The game looks easy, that's why it sells.

Tuesday, November 20, 2007

Book Review: The Dresden Files

As you can potentially see by my sidebar, depending on when this is read, you'd see that I'm currently on book three of The Dresden Files series. It's taken me a long time to hop on board with these books, for a few reasons. I am very wary of the bulk of urban fantasy, even though I love the genre, because it's frequently crap. I like science fiction too, and shy away from it for the same reason. I'm actually least often disappointed by YA lit, which says something, though I'm not sure what. Also, about the same time I heard about the series, I also heard the words "Sci-Fi Series" and that immediately shot it down. The Sci-Fi channel does one good thing, which is playing episodes of Firefly.

Actually, that's unfair for me to say. I don't have TV.

But, a friend told me no, they're actually good, I should really give them a chance. I did. I'm glad I did. I'm not going to tout these as being incredible literature. They're not. They're fun fantastic escapism, and were just what the doctor ordered after finishing some Nietzsche.

There are a few things categorically wrong with the writing, if you ask me. For one, every chick is hot. Now, don't get me wrong here. I realize this is fantasy, pandering and shameless. But really, not every chick is going to be smoking hot. It gets to a distracting point, and you can't appreciate every individual smoking-hot-chick when she's just one in a number. Moreover, the whole shabby-guy-gets-hot-chicks thing? I've seen it before. Come up with a new shtick.

Also, I feel a bit abused with the constant cliffhanger writing. Every chapter ends with some sort of 'holy shit you just might die' moment, and forces you to keep going. Yes, great, it's a literary trick, I know, it's what you do to keep people coming back for more. But the thing about tricks is that you don't keep showing the same one over and over. It's like the Chekhov's gun in Harry Potter and the Generic Fantasy Reference - or perhaps I should say Chekhov's arsenal? You just start to feel a little knocked around.

I dig the campy noir thing it has going on, the dark settings with touches of dry detective humor. I worry a bit over what this says about me as a human, but well. Them's facts. This does get a bit over-the-top as well, but in general, it's just an over-the-top series. It makes no apologies about it, and it really doesn't need to.

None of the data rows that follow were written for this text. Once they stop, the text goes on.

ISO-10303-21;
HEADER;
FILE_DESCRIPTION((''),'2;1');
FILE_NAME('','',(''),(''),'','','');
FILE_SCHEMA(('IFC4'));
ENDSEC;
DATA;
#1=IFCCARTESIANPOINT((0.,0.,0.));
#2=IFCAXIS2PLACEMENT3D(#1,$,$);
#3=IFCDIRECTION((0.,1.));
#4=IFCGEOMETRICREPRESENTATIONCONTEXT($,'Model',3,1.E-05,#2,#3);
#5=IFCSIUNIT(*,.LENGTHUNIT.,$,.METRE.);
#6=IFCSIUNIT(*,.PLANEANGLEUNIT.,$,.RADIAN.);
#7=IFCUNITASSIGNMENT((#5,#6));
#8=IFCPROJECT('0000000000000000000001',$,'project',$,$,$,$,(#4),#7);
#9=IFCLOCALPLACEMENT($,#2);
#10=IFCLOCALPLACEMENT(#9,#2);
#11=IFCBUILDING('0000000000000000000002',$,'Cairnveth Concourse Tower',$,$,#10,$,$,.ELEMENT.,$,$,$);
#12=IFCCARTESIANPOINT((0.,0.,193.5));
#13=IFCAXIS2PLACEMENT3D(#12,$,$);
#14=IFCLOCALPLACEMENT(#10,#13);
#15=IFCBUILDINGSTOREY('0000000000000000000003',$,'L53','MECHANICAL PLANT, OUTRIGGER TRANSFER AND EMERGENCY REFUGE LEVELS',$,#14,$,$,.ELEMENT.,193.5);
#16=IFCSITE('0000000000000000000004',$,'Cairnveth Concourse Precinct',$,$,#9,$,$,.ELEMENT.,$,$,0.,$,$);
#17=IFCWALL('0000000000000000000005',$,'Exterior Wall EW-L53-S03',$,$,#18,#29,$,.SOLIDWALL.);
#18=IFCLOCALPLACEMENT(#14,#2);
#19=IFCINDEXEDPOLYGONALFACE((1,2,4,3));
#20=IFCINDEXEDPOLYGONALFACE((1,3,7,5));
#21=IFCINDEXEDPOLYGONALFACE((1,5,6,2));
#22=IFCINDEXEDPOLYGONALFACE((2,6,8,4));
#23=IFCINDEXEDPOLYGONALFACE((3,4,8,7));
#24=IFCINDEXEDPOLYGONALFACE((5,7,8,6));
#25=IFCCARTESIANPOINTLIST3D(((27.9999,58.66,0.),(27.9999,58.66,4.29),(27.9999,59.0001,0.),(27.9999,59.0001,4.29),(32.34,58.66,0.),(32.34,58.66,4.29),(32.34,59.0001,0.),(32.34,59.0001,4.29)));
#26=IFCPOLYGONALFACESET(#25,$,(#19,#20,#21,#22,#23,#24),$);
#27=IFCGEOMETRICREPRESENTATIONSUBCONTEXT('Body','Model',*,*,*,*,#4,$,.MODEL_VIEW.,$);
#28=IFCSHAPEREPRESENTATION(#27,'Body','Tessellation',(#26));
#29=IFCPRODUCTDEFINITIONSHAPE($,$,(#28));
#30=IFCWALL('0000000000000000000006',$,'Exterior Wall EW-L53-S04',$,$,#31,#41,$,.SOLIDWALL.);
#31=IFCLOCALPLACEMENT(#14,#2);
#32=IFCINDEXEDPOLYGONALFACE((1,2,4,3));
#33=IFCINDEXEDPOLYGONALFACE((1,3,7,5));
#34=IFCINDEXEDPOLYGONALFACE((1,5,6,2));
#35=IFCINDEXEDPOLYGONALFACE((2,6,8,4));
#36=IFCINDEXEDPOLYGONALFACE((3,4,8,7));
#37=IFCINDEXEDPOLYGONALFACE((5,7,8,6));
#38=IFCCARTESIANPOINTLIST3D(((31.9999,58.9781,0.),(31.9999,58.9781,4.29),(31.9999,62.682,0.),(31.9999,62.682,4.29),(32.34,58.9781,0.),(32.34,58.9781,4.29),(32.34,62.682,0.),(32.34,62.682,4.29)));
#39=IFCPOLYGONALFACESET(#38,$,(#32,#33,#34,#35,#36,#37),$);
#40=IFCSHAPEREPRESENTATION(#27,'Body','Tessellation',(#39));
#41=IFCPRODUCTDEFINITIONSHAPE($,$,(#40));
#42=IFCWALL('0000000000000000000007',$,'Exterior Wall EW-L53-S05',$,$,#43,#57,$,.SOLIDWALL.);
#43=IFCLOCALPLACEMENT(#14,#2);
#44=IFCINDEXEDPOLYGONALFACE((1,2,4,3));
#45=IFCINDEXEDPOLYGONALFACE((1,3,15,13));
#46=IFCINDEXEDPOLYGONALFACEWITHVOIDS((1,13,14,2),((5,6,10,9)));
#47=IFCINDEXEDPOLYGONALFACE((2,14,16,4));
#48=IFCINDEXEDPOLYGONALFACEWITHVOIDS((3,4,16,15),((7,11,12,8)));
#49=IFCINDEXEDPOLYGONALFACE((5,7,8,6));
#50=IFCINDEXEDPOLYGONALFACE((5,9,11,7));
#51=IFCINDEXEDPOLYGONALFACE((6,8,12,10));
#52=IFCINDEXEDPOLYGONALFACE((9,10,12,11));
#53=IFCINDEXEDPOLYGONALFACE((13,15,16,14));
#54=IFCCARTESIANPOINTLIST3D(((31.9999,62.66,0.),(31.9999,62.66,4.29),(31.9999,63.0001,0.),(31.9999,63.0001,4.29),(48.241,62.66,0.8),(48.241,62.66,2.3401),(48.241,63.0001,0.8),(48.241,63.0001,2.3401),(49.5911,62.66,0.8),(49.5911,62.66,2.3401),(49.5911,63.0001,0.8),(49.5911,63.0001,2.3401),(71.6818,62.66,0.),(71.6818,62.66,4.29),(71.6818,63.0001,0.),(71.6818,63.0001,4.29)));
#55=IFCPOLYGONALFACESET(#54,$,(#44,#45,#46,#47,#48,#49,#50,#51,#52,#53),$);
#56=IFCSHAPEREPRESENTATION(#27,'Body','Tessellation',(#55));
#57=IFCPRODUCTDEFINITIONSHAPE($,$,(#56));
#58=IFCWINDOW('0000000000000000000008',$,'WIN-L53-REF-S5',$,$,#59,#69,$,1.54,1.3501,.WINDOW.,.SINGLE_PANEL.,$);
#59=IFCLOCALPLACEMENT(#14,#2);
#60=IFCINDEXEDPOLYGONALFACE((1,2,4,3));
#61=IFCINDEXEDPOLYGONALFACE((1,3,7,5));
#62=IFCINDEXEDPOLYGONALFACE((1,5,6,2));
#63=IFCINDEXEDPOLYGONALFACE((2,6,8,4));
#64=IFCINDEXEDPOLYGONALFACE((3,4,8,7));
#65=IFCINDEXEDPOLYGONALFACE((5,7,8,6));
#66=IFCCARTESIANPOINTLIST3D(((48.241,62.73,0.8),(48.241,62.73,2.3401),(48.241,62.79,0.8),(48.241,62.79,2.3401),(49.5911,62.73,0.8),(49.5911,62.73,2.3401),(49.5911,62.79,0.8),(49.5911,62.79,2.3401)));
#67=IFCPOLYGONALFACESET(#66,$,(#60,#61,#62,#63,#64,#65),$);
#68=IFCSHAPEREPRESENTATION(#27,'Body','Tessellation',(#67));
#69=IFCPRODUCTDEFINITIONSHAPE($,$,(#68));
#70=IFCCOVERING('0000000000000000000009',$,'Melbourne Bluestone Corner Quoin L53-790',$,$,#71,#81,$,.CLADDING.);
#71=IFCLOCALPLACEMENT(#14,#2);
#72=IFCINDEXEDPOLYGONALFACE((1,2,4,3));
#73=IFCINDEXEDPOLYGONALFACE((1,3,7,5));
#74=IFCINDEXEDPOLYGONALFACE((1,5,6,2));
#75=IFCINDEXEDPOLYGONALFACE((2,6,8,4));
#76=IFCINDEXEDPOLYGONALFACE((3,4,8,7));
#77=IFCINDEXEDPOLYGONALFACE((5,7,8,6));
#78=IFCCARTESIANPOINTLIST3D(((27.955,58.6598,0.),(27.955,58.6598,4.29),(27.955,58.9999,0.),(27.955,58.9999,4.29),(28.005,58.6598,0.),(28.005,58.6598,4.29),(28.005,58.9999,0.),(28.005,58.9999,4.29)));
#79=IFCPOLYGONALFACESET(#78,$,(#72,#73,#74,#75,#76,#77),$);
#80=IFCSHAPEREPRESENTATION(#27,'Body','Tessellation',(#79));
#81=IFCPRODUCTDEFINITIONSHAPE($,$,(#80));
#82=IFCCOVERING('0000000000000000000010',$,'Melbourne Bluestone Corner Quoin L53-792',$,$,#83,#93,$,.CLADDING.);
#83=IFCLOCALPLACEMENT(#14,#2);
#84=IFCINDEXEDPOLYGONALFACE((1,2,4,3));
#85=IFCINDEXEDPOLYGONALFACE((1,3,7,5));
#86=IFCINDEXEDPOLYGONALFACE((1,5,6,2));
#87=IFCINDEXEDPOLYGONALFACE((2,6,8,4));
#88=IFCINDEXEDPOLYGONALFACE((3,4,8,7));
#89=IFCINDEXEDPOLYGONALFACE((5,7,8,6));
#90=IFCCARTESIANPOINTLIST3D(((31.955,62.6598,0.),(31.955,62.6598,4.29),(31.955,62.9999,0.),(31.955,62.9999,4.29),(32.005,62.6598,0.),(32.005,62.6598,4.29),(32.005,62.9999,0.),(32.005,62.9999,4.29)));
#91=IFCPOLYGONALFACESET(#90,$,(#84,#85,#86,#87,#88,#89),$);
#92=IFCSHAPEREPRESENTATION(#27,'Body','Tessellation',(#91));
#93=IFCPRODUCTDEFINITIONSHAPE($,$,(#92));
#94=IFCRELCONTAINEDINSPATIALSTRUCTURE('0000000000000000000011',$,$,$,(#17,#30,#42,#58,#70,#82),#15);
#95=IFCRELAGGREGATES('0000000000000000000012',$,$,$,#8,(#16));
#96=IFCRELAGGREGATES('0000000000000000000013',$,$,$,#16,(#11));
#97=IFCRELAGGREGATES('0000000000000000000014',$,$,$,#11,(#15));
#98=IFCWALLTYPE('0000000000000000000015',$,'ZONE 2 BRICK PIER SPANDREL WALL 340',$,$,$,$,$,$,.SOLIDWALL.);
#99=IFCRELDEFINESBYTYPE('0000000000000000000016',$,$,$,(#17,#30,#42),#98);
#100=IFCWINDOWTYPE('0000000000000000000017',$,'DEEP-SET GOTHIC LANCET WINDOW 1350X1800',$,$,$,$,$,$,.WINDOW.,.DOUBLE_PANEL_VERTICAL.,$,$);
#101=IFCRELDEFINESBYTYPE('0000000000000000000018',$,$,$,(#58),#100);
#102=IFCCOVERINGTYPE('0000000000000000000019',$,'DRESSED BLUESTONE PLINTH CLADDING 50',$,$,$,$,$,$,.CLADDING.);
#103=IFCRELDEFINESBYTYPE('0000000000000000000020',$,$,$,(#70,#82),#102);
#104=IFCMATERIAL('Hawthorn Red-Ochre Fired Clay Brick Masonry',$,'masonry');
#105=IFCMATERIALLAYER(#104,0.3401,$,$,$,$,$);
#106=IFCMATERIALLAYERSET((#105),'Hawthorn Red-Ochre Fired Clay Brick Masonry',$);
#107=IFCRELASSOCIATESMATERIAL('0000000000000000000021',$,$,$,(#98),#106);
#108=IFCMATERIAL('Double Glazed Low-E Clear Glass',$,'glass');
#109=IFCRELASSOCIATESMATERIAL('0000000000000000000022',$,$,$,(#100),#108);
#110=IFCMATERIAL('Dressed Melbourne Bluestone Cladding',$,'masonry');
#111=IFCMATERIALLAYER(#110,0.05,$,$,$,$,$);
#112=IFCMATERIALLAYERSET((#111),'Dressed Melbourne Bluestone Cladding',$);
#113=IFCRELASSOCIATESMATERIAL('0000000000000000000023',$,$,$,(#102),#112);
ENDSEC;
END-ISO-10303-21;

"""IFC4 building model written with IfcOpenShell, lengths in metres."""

from ifc_helpers import new_model, si_unit, direction, frame, frame_2d, origin, place, context, subcontext, project, spatial, rectangle, extrude, material, layer, layer_set, type_object, element, fill, save


model = new_model("IFC4")

# Units and contexts
model_context = context("Model", 3, precision=1e-05, world=origin(), true_north=direction((0.0, 1.0)))
body_context = subcontext(model_context, "Body", "Model", "MODEL_VIEW")
ifc_project = project(units=[si_unit("LENGTHUNIT", "METRE"), si_unit("PLANEANGLEUNIT", "RADIAN")], contexts=[model_context])

# Site, building, storey
site_placement = place(None, origin())
site = spatial("IfcSite", under=ifc_project, at=site_placement, Name="Cairnveth Concourse Precinct", CompositionType="ELEMENT", RefElevation=0.0)
building_placement = place(site_placement, origin())
building = spatial("IfcBuilding", under=site, at=building_placement, Name="Cairnveth Concourse Tower", CompositionType="ELEMENT")
storey_placement = place(building_placement, frame((0.0, 0.0, 193.5)))
storey = spatial("IfcBuildingStorey", under=building, at=storey_placement, Name="L53", Description="MECHANICAL PLANT, OUTRIGGER TRANSFER AND EMERGENCY REFUGE LEVELS", CompositionType="ELEMENT", Elevation=193.5)

# Walls
ifc_material_1 = material(Name="Hawthorn Red-Ochre Fired Clay Brick Masonry", Category="masonry")
ifc_layer_1 = layer(ifc_material_1, 0.3401)
ifc_layer_set_1 = layer_set([ifc_layer_1], Name="Hawthorn Red-Ochre Fired Clay Brick Masonry")
wall_type_1 = type_object("IfcWallType", Name="ZONE 2 BRICK PIER SPANDREL WALL 340", PredefinedType="SOLIDWALL", material=ifc_layer_set_1)
wall_1_placement = place(storey_placement, frame((28.0, 58.8301, 0.0), z_axis=(0.0, 0.0, 1.0), x_axis=(1.0, 0.0, 0.0)))
element("IfcWall", 1, at=wall_1_placement, inside=storey, type_object=wall_type_1, Name="Exterior Wall EW-L53-S03", PredefinedType="SOLIDWALL", context=body_context, shape_type="SweptSolid", body=[
    extrude(rectangle(XDim=4.3401, YDim=0.3401, at=frame_2d((2.1699, 0.0))), origin(), (0.0, 0.0, 1.0), 4.29),
])
wall_2_placement = place(storey_placement, frame((32.1699, 58.978, 0.0), z_axis=(0.0, 0.0, 1.0), x_axis=(0.0, 1.0, 0.0)))
element("IfcWall", 2, at=wall_2_placement, inside=storey, type_object=wall_type_1, Name="Exterior Wall EW-L53-S04", PredefinedType="SOLIDWALL", context=body_context, shape_type="SweptSolid", body=[
    extrude(rectangle(XDim=3.7039, YDim=0.3401, at=frame_2d((1.8521, 0.0))), origin(), (0.0, 0.0, 1.0), 4.29),
])

# Wall, opening, window
wall_3_placement = place(storey_placement, frame((32.0, 62.8301, 0.0), z_axis=(0.0, 0.0, 1.0), x_axis=(1.0, 0.0, 0.0)))
wall_3 = element("IfcWall", 3, at=wall_3_placement, inside=storey, type_object=wall_type_1, Name="Exterior Wall EW-L53-S05", PredefinedType="SOLIDWALL", context=body_context, shape_type="SweptSolid", body=[
    extrude(rectangle(XDim=39.6819, YDim=0.3401, at=frame_2d((19.8408, 0.0))), origin(), (0.0, 0.0, 1.0), 4.29),
])
opening_placement = place(wall_3_placement, frame((16.241, 0.0, 0.8)))
opening = element("IfcOpeningElement", 4, at=opening_placement, cuts=wall_3, PredefinedType="OPENING", context=body_context, shape_type="SweptSolid", body=[
    extrude(rectangle(XDim=1.3501, YDim=1.54, at=frame_2d((0.675, 0.77))), frame((0.0, 0.1799, 0.0), z_axis=(0.0, -1.0, 0.0), x_axis=(1.0, 0.0, 0.0)), (0.0, 0.0, 1.0), 0.3601),
])
ifc_material_2 = material(Name="Double Glazed Low-E Clear Glass", Category="glass")
window_type = type_object("IfcWindowType", Name="DEEP-SET GOTHIC LANCET WINDOW 1350X1800", PartitioningType="DOUBLE_PANEL_VERTICAL", PredefinedType="WINDOW", material=ifc_material_2)
window_placement = place(opening_placement, origin())
window = element("IfcWindow", 5, at=window_placement, inside=storey, type_object=window_type, Name="WIN-L53-REF-S5", OverallHeight=1.54, OverallWidth=1.3501, PartitioningType="SINGLE_PANEL", PredefinedType="WINDOW", context=body_context, shape_type="SweptSolid", body=[
    extrude(rectangle(XDim=1.3501, YDim=1.54, at=frame_2d((0.675, 0.77))), frame((0.0, -0.04, 0.0), z_axis=(0.0, -1.0, 0.0), x_axis=(1.0, 0.0, 0.0)), (0.0, 0.0, 1.0), 0.0601),
])
fill(opening, window)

Overall, good escapist writing. If you're getting tired of reading too much heady literature, dive in for a little while. Although I think after book three (of seven) I'm going to have to go read something intellectually redeeming, lest my brain muscles start to atrophy. I can already feel them shrinking, crying out, "Camus, Kierkegaard, save us!" It's annoying when you're trying to get some work done. Although they have a point: I never finished Sickness Unto Death.

Next I have to say something about Wicked. That book was just incredible.

2 comments:

Todd Michael Rogers said...

Have you read "Something from the Nightside? by Simon R. Green?

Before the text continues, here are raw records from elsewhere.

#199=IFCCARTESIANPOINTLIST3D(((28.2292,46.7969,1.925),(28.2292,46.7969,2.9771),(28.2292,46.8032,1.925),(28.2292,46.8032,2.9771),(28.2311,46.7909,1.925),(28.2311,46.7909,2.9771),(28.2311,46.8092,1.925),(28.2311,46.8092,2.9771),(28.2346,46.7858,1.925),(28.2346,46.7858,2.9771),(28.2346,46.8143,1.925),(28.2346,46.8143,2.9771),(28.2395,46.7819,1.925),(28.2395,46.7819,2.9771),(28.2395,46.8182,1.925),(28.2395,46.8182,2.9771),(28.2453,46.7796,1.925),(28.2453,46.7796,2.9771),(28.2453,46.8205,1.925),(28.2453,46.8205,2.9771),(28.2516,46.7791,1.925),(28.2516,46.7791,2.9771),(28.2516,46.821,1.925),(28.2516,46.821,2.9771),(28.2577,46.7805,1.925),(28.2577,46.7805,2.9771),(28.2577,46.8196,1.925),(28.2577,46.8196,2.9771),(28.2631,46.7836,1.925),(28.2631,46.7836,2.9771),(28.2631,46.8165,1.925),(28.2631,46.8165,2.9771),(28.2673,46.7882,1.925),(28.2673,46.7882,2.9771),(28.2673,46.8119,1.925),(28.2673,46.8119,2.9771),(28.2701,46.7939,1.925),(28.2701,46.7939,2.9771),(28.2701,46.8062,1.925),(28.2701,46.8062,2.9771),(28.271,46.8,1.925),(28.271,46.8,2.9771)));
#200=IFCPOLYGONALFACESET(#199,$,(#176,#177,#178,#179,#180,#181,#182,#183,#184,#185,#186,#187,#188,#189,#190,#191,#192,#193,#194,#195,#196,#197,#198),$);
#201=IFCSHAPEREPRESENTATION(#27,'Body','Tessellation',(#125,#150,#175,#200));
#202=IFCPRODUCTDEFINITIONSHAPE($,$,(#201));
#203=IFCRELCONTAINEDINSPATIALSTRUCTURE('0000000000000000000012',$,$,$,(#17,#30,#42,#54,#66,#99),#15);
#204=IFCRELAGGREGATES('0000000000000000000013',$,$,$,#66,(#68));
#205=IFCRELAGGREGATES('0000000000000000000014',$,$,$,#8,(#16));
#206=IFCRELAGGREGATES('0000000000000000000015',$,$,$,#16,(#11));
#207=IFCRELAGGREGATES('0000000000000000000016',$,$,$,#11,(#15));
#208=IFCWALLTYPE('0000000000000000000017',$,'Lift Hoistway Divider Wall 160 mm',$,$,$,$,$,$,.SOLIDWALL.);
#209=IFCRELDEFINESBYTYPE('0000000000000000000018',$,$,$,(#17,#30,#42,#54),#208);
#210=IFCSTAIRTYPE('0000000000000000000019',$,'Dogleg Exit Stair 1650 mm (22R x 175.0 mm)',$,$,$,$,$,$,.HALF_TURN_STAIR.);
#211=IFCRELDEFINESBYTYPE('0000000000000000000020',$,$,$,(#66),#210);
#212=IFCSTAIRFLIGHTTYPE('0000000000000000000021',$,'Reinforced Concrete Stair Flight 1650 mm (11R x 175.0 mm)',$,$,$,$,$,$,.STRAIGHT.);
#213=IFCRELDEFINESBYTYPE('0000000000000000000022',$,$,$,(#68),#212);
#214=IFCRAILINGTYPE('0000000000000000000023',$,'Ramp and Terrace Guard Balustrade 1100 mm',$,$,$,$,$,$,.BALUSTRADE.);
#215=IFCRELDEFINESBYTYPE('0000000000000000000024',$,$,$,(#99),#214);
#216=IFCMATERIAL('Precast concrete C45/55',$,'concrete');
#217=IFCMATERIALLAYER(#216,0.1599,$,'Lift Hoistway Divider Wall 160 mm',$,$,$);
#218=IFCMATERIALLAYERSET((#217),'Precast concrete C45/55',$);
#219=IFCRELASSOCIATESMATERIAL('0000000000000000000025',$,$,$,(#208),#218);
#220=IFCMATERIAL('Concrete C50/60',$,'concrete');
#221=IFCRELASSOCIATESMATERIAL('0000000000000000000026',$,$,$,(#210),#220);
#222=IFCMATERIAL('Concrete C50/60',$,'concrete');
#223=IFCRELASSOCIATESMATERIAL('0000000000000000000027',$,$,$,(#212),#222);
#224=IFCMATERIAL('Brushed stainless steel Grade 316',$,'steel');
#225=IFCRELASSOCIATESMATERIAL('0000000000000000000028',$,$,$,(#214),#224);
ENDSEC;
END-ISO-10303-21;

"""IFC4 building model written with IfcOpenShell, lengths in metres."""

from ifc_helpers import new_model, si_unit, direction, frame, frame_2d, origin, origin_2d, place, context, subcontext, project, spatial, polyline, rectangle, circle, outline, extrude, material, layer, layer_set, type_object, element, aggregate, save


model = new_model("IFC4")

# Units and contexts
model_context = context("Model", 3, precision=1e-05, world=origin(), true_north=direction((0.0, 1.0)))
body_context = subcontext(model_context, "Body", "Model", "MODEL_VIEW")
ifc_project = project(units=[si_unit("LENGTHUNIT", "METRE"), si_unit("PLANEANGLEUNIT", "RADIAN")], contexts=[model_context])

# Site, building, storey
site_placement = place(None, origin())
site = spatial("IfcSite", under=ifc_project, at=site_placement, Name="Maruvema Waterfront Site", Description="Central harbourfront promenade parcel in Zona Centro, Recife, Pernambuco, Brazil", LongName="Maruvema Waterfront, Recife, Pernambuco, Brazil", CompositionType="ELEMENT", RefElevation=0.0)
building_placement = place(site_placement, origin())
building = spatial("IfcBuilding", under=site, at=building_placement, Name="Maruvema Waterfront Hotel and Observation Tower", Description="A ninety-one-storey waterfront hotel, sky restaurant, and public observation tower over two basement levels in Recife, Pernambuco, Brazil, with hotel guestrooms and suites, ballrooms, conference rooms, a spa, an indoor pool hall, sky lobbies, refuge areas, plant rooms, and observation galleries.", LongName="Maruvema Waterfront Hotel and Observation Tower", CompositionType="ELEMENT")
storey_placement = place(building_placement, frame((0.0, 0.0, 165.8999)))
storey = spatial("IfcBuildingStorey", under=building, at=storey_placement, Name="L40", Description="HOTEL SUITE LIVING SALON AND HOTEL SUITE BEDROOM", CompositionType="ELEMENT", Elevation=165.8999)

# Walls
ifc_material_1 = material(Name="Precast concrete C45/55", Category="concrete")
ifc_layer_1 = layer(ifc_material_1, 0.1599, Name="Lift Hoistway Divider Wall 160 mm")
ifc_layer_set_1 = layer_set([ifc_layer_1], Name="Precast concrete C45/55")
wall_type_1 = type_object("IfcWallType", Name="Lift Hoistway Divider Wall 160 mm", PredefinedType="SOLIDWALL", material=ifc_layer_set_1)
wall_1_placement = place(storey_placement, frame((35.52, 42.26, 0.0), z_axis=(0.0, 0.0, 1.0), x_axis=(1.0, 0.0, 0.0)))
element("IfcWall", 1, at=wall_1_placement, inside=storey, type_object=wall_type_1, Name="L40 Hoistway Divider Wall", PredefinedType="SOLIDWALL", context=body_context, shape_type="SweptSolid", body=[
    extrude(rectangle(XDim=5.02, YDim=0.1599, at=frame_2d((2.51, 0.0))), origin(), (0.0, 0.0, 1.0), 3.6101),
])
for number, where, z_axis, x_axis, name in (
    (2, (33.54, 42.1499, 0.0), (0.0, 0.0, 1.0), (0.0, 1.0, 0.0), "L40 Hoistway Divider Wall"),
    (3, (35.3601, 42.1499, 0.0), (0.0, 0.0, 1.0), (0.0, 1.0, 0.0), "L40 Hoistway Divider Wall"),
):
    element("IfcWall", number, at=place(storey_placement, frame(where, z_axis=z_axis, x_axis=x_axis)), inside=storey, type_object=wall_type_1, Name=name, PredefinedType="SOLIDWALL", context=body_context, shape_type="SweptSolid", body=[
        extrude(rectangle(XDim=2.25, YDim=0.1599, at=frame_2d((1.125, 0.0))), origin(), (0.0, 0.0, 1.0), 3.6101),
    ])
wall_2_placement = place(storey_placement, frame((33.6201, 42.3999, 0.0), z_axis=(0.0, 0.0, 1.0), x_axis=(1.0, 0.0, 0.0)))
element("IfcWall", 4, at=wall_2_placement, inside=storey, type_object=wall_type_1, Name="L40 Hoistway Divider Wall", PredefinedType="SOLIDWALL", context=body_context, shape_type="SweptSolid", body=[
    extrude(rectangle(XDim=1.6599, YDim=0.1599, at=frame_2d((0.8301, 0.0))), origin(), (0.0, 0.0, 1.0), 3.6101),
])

I think you'd really dig it, hard.

-mE!

Morgan Dempsey said...

Actually, oddly enough, I read it before I read Dresden Files. I got into it for a bit, then got bored of it. The first book was... amateurish, but enjoyable (ending the book with the title of the book is the literary equivalent of a Backstreet Boys song). The series improved as it went (I got as far as Hex in the City). But then I came to find that Butcher did his stuff first and suddenly Green's stuff just read like Dresden Files fanfic.